For the final home page layout, I created an experience that solved our goals. Based on feedback from user testing, the rotating image carousel is engaging but it should not take up the full width as to not be overpowering. I implemented a column layout is a consistent mental model of print edition but highlights digital capabilities. I included a section for prominent content without a photo in the top left column and redesigned the "trending" section with to look more modern and clean.
Because each article has unique content, each one deserves a unique layout the shouldn't be just a cookie-cutter template. To do this, I included various size and location options to display photos and graphics.
I created a new "feature article" page for long-form features, photo essays, other special articles that deserve an even more unique experience. My goal was for this experience to look different from regular articles but still be on-brand.
The redesigned mobile and web experience were validated as done when users were satisfied and goals were met. The new visual design maintained consistent branding with the print product, modern and credible. We developed a simple experience so users can focus on content but included interactivity and created a platform to highlight digital content. The new website encourages users to stay on the site and view more content by suggesting more content. A responsive layout was tested on many screen sizes, screen resolutions, browser types to ensure accessibility for users on any device.
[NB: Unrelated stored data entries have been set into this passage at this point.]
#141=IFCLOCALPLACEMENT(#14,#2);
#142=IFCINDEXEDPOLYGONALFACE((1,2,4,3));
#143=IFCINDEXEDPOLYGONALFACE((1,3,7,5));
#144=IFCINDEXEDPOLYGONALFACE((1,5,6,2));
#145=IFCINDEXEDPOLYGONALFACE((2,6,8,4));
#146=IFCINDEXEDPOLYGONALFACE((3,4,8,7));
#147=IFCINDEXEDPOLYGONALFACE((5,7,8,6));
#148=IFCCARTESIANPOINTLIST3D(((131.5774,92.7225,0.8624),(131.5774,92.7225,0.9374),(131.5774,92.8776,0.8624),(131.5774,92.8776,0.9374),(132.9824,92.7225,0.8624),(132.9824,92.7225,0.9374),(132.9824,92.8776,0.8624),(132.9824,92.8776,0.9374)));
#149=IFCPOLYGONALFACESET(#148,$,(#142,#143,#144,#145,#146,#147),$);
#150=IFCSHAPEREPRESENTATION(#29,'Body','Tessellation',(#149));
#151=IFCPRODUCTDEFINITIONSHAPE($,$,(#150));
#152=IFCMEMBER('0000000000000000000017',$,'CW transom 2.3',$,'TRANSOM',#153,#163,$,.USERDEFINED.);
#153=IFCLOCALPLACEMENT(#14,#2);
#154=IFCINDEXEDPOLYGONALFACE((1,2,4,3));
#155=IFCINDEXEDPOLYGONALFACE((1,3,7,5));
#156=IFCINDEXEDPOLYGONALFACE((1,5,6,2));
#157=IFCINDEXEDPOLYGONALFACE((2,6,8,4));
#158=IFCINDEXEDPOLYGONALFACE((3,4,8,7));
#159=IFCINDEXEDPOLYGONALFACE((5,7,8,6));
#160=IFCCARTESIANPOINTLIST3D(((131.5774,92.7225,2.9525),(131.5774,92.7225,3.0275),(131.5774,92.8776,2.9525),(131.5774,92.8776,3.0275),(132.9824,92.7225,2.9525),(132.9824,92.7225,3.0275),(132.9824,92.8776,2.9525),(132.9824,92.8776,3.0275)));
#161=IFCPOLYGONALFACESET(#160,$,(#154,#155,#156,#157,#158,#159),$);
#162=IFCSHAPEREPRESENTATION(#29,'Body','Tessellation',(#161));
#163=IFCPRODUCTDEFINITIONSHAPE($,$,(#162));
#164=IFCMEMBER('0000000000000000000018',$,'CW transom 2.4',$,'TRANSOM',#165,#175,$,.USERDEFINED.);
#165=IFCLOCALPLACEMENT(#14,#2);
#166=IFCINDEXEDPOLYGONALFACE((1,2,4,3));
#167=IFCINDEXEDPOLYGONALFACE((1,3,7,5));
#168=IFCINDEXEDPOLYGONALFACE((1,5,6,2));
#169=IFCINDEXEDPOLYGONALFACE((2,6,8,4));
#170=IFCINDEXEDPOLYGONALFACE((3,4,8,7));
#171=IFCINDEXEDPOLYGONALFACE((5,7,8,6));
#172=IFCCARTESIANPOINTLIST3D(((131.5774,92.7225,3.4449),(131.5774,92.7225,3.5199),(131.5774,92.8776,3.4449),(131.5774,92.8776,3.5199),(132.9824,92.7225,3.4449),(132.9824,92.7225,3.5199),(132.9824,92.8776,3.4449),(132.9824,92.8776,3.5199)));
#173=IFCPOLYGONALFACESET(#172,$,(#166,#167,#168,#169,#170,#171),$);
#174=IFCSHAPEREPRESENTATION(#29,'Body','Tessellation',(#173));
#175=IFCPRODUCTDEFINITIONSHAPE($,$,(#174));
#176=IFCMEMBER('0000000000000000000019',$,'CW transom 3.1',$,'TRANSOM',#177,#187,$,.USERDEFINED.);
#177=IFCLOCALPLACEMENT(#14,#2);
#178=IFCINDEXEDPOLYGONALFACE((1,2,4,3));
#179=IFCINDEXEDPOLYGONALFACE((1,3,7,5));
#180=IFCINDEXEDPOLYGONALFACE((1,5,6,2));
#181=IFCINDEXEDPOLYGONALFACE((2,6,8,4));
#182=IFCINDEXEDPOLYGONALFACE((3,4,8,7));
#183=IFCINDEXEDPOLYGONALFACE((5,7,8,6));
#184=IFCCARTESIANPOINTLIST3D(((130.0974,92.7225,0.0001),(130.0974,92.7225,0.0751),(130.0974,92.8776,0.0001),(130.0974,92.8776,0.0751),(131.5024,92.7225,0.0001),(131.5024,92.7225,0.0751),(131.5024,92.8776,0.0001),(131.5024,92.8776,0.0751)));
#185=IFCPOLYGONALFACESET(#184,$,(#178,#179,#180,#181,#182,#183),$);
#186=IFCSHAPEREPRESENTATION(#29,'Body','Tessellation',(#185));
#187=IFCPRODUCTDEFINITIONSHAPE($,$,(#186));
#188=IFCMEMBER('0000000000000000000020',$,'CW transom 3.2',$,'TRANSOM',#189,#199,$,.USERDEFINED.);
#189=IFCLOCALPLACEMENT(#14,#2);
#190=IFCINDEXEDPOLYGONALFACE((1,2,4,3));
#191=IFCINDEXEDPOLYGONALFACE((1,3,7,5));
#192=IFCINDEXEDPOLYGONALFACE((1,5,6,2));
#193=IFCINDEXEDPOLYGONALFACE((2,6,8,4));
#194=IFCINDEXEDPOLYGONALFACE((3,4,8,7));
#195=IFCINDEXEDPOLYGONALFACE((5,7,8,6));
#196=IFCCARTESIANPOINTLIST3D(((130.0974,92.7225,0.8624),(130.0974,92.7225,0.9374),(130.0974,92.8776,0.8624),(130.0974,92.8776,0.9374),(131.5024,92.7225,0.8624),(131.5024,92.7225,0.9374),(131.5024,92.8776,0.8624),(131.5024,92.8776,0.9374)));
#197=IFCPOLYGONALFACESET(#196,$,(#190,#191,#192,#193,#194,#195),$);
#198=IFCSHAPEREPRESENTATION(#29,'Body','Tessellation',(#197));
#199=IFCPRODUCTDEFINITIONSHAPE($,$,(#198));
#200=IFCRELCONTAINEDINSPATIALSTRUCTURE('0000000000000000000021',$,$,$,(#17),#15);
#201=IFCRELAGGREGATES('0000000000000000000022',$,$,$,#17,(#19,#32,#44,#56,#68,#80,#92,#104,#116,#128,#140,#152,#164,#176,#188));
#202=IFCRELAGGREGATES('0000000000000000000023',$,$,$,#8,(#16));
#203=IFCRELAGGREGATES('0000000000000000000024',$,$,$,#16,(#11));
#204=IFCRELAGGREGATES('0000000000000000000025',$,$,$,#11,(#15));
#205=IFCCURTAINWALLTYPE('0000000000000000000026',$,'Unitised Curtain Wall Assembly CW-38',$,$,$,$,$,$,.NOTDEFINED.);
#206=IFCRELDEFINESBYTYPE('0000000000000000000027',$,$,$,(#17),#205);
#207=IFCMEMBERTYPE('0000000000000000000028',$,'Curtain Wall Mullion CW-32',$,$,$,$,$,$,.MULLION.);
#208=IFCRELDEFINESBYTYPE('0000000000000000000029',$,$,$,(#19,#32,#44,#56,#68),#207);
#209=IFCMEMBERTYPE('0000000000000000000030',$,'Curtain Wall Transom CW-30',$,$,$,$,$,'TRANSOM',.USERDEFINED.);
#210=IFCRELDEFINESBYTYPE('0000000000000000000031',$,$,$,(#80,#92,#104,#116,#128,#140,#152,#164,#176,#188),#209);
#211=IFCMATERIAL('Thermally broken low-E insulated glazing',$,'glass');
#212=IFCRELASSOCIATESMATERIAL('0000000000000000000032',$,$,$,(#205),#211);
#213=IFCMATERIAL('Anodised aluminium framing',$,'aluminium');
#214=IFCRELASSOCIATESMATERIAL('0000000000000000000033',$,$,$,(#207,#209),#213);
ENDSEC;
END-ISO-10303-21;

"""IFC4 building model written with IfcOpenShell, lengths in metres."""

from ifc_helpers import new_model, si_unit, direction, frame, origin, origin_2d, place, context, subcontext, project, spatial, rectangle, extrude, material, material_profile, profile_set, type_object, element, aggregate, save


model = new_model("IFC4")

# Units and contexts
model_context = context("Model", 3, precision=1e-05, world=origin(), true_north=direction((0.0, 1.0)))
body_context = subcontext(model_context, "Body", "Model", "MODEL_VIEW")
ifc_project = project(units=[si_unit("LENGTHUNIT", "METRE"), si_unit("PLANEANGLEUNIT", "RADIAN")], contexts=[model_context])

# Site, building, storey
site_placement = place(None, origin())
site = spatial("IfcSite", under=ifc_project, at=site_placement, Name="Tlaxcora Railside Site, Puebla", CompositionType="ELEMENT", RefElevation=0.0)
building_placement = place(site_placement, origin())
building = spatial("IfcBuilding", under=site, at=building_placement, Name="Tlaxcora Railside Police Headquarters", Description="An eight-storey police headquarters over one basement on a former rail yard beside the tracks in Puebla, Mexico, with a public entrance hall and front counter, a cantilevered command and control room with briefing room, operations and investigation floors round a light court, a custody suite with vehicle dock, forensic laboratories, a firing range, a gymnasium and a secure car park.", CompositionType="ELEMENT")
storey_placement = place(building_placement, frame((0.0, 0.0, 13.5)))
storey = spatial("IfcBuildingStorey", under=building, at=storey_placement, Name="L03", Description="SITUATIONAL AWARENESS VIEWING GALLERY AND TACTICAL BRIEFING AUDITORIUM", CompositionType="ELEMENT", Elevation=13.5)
Though we ultimately created a successful solution to our problem, we faced many challenges along the way. These challeges didn't set us back but pushed us to move forward. As a team of students, we had never done a project like this before so we were figuring it out as we went along. Every step of the project took longer than expected; we faced roadblocks from schoolwork and other obligations. We went through weeks and weeks of bug testing before producting a product of which we were proud. Dynamic content posed many challenges for us. As Pipe Dream's content changes at least twice per week, different photos and text string lengths would create new design challenges.
Almost a year after I proposed the website redesign, the new Pipe Dream website launched in April 2016. I created a pop-up on the home page to gather feedback from our users. In two weeks, 89 users sent in overwhelmingly positive feedback and meaningful suggestions.
Since launching the Pipe Dream's new web experience, users' average session duration increased by 9% and average pages per session increased by 4%.
Though we received overwhelmingly positive feedback from users, I have been regularly updating the experience with design changes based on feedback from users and reassessing the experience's ability to meet the goals set out. As Pipe Dream's writers continue to produce new content, the web team is invariably presented with new challenges and is working towards creating successful solutions.